Impact of Geriatric Admissions on Workload in the Emergency Department.

Healthcare (Basel)

Chair of Emergency Medicine, Poznan University of Medical Sciences, 7 Rokietnicka Street, 60-608 Poznan, Poland.

Published: February 2023

AI Article Synopsis

  • The study aimed to analyze geriatric admissions in emergency departments (EDs) to better understand the reasons for these visits, common medical issues, and resource needs for improving patient care.
  • Over a three-year period, data from 35,720 elderly patients showed a median age of 73, with a higher number of females, and indicated varying admission rates and lengths of stay based on age groups.
  • Major medical diagnoses included heart failure, atrial fibrillation, and hip fractures, with increasing age correlating with higher resource use, more admissions, and longer stays in the ED.

Article Abstract

: Due to the increase in life expectancy, both the general population and the population of patients of emergency departments (ED) are getting older.
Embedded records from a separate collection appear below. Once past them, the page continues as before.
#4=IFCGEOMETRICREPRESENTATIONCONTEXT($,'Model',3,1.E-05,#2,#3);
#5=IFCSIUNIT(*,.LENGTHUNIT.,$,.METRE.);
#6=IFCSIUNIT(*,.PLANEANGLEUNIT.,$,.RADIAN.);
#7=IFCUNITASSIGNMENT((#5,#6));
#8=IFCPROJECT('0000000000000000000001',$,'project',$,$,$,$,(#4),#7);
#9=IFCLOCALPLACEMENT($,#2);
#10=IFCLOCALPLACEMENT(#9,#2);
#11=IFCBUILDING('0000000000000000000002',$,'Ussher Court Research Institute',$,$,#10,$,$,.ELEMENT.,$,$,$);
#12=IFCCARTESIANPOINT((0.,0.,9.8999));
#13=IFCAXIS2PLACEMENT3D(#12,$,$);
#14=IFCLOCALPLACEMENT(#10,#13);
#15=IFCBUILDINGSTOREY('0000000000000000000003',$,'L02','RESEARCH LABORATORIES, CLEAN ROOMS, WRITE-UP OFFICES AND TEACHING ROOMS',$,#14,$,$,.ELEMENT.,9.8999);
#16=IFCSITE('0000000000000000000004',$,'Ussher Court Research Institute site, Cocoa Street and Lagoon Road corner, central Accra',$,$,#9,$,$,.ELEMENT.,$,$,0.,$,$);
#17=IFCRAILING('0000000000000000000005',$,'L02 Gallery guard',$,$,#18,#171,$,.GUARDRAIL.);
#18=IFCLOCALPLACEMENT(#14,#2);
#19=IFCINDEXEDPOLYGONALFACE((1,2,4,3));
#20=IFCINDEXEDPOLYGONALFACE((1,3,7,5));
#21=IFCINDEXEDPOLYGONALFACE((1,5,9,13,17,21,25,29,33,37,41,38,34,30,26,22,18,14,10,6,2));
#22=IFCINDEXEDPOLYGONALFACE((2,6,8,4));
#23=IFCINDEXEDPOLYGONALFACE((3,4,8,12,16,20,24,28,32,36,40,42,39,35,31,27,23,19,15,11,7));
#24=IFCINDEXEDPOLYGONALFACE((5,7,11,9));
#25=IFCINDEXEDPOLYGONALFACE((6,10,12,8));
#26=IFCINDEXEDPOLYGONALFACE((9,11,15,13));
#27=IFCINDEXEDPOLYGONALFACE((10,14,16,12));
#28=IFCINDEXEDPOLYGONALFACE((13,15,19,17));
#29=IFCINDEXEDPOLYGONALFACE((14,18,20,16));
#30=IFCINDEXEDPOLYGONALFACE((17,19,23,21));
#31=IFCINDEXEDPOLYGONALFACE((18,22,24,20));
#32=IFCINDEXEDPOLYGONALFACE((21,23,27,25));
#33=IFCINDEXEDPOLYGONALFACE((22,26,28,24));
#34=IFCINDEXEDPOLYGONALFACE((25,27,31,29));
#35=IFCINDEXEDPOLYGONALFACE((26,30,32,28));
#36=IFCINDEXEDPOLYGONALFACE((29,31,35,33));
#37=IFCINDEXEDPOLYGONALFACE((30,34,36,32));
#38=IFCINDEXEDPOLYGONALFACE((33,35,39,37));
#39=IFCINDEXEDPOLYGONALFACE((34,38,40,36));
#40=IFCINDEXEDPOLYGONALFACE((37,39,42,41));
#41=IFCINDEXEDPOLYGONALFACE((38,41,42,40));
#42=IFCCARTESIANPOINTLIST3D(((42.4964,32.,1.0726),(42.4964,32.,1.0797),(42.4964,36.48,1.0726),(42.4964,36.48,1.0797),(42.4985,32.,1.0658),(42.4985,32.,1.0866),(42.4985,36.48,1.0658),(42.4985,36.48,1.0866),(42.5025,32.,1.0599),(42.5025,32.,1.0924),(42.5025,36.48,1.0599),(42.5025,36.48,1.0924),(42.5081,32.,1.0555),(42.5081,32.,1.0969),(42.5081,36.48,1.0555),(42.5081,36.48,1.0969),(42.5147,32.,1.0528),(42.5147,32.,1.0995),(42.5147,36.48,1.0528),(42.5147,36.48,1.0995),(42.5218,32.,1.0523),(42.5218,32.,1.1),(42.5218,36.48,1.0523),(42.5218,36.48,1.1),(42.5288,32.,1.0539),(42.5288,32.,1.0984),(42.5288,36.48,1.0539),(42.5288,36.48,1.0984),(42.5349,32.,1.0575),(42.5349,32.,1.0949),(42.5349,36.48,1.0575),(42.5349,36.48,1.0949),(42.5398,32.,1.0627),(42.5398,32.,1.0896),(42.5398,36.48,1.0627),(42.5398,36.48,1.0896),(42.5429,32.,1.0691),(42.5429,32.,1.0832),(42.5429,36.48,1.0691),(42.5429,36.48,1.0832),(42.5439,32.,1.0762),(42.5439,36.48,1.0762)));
An understanding of differences, workload and resource requirements may be helpful in improving patient care. The main goal of this study was to evaluate the reasons for geriatric admissions in the ED, identify typical medical problems and assess the number of resources in order to provide more effective management. : We examined 35,720 elderly patients' ED visits over the course of 3 years. The data collected included age, sex, timing and length of stay (LOS), use of various resources, endpoint (admission, discharge or death) and ICD-10 diagnoses. : The median age was 73 years [66-81], with more females (54.86%). There were 57.66% elderly (G1), 36.44% senile (G2) and 5.89% long-liver (G3) patients. There were more females in the older groups. The total admission rate was 37.89% (34.19% for G1, 42.21% for G2 and 47.33% for G3). The average length of the patient's stay was 150 min [81-245] (G3 180 min [108-277], G2 (162 min [92-261]) and G1 139 min [71-230]). Heart failure, atrial fibrillation and hip fracture were the most common diagnoses. Nonspecific diagnoses were common in all groups. : The vast majority of geriatric patients required considerable resources. With increasing ages, the number of women, LOS and number of admissions increased.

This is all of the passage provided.